In reality I didn’t set it at 85 M.M. but at 3×85 (255) since Debussy goes back and forth between pulsing quarter notes and dotted quarter notes throughout the piece.
I continued to find errors in the score I am using. I have mostly been comparing it to a four handed version online. Not sure that the four handed version is a better edition but it does represent some editor’s choices. So far I found that most things that struck me as bit squirrelly initially are mistakes.

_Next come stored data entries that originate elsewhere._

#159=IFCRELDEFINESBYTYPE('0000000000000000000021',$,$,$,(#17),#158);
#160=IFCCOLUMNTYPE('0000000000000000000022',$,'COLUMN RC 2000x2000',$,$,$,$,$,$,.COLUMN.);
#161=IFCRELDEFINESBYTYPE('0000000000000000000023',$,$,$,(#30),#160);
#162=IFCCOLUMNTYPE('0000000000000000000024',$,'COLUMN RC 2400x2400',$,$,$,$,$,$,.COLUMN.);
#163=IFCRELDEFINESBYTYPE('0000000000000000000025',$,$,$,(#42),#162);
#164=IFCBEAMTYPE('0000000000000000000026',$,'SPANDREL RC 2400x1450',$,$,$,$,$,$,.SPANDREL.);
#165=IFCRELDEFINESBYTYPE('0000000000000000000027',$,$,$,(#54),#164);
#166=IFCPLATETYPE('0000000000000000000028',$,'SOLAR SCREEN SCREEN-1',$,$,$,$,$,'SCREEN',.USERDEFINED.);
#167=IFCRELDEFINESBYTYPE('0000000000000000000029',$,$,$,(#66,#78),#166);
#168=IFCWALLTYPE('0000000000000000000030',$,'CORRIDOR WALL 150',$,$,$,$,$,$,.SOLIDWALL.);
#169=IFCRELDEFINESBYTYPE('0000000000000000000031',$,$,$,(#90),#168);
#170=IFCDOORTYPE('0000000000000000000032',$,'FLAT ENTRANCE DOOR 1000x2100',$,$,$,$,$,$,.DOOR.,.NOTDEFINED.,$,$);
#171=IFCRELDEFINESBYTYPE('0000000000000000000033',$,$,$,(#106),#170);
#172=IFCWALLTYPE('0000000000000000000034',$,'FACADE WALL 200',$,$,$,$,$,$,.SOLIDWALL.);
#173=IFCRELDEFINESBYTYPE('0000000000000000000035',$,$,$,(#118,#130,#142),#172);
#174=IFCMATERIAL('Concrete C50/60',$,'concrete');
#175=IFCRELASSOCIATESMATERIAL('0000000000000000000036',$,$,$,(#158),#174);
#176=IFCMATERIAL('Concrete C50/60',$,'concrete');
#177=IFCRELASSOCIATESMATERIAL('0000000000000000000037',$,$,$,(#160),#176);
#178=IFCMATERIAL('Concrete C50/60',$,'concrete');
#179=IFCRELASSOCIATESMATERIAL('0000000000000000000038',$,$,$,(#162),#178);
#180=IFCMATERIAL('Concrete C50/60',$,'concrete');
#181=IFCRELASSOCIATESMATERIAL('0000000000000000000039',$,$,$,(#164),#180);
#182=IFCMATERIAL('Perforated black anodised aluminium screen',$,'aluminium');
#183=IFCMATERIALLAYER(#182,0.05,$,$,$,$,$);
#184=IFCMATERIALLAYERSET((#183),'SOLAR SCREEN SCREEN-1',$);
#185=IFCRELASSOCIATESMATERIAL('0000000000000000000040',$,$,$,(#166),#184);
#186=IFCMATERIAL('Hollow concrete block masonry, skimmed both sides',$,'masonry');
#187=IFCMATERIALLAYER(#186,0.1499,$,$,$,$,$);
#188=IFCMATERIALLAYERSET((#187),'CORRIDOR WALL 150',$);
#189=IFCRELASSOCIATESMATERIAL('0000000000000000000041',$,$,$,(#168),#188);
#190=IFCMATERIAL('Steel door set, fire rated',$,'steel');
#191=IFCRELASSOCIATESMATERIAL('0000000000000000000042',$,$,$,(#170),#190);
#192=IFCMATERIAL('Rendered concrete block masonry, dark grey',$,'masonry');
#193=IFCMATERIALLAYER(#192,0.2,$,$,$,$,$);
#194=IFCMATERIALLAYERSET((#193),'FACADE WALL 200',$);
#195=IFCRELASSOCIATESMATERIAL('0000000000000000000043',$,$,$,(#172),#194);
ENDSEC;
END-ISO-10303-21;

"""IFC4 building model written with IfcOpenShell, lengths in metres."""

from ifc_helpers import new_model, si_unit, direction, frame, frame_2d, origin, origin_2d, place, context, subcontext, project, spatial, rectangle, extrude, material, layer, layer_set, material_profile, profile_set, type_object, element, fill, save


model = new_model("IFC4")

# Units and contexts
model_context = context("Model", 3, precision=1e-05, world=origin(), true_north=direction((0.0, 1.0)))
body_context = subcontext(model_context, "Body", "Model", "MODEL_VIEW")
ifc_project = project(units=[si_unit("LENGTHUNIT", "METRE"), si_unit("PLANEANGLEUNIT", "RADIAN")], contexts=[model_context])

I hate changing things the day before performance. I have told myself to just play the dang thing and not worry about the changes and just see what comes out. That seems to work.
I’ll probably go through the piece at least one more time this morning slowly. I know it’s silly to put all this work into performances in a context where so few people seem to appreciate or even notice.

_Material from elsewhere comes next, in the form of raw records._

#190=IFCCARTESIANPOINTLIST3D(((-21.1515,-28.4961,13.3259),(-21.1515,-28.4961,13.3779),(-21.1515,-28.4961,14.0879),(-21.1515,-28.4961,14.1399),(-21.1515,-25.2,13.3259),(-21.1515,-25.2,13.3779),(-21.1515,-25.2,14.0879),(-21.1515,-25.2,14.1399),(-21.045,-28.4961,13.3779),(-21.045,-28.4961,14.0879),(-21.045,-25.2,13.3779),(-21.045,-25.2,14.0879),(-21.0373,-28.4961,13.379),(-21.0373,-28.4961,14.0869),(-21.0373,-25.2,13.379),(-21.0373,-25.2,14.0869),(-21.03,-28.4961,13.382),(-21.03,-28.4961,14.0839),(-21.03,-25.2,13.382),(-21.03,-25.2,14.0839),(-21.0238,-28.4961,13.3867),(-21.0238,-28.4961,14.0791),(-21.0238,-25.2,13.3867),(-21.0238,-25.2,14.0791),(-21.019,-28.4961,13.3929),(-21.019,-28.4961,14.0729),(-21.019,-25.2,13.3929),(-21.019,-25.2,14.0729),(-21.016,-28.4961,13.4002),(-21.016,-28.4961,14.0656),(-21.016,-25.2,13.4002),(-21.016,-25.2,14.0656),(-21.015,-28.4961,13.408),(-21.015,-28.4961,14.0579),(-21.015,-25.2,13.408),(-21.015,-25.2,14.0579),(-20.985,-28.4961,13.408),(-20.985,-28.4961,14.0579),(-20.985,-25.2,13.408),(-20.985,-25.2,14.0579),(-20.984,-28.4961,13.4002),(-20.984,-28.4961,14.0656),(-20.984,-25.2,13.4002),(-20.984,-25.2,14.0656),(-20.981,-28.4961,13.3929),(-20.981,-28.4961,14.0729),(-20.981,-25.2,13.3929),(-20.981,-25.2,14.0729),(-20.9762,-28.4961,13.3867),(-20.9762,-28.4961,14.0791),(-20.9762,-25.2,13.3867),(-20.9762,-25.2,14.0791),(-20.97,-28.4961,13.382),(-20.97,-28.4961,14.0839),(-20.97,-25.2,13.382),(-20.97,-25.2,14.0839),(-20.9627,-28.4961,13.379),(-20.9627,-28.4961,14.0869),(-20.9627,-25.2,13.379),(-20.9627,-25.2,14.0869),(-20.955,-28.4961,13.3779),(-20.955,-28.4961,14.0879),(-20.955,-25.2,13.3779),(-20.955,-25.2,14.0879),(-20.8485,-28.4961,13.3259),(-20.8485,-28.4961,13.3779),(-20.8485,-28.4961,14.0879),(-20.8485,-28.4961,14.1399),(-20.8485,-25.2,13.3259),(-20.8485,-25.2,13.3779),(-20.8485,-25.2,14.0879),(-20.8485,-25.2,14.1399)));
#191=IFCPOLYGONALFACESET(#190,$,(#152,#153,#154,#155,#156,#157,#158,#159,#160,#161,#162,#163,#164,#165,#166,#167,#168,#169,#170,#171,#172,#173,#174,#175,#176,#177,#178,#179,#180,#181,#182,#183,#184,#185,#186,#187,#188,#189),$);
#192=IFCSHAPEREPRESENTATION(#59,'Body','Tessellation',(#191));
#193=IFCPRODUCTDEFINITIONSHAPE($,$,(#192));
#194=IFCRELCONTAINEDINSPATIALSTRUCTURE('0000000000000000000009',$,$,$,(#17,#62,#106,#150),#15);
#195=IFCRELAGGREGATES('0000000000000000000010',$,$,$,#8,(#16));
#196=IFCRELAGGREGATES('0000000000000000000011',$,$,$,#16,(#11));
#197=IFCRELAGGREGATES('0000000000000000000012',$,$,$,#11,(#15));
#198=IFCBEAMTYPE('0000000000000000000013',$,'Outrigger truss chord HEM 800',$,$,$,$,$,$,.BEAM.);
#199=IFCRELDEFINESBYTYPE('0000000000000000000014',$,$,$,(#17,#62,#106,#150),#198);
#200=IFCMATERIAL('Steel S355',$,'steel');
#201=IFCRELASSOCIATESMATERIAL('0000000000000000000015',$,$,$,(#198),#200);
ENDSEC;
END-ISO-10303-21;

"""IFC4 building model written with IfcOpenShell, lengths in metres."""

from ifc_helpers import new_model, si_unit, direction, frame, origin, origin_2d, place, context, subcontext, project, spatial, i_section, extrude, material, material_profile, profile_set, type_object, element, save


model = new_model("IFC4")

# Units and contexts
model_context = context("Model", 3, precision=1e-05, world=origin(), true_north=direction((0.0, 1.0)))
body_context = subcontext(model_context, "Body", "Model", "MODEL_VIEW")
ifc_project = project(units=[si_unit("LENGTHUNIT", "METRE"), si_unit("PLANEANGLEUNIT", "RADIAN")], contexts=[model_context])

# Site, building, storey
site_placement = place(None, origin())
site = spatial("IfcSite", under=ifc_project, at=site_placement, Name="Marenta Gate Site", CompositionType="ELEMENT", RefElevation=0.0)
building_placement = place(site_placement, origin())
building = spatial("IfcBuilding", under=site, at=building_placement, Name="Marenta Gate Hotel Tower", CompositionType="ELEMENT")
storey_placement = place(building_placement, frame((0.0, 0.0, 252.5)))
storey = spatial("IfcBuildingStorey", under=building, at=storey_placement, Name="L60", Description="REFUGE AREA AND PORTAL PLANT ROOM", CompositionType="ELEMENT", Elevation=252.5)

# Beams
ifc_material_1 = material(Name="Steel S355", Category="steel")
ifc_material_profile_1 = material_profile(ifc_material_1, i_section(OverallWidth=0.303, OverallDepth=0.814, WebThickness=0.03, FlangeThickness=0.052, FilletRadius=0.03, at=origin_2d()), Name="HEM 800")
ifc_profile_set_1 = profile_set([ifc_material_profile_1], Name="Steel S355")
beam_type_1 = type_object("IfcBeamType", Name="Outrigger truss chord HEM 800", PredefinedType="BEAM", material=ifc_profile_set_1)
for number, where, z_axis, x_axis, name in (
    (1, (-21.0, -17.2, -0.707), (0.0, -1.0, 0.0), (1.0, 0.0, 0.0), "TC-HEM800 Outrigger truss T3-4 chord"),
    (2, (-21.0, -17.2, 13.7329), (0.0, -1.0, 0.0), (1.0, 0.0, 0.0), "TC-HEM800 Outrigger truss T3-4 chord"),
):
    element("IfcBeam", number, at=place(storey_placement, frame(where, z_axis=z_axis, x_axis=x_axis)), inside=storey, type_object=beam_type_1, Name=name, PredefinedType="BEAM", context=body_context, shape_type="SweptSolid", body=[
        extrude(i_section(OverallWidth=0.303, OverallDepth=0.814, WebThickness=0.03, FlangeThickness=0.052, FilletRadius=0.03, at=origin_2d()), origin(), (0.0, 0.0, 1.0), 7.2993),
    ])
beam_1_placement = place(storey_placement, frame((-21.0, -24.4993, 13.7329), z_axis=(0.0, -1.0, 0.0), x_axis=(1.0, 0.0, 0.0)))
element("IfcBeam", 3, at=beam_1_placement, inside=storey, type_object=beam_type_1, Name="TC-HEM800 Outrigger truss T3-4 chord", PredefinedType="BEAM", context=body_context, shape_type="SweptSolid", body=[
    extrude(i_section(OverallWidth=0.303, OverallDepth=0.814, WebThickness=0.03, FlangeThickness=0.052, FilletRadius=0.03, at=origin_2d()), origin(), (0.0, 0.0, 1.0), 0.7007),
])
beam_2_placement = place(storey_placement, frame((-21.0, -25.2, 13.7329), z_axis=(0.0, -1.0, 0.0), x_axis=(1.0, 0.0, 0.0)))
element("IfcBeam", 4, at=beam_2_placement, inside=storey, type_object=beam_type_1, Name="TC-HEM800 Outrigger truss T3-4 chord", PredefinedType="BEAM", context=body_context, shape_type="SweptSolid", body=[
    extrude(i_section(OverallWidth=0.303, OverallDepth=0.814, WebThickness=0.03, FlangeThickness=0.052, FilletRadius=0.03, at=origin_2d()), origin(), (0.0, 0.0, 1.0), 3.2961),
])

But Debussy and I are still there plus a few people listening.
It’s a fine line between performing with an audience present and completing the process of music (if music is played in church and no one hears it, does it make a sound?) and thinking about the audience as you play.
Mostly in church work I am sometimes defeated by distractions. Like when people are talking or moving around near me while I am trying to concentrate. This is intensified when these people are music teachers or performers themselves.
But I do try to concentrate on what the music is saying and make that as much of my consciousness as I can.
“Just play” as we used to say in grad school.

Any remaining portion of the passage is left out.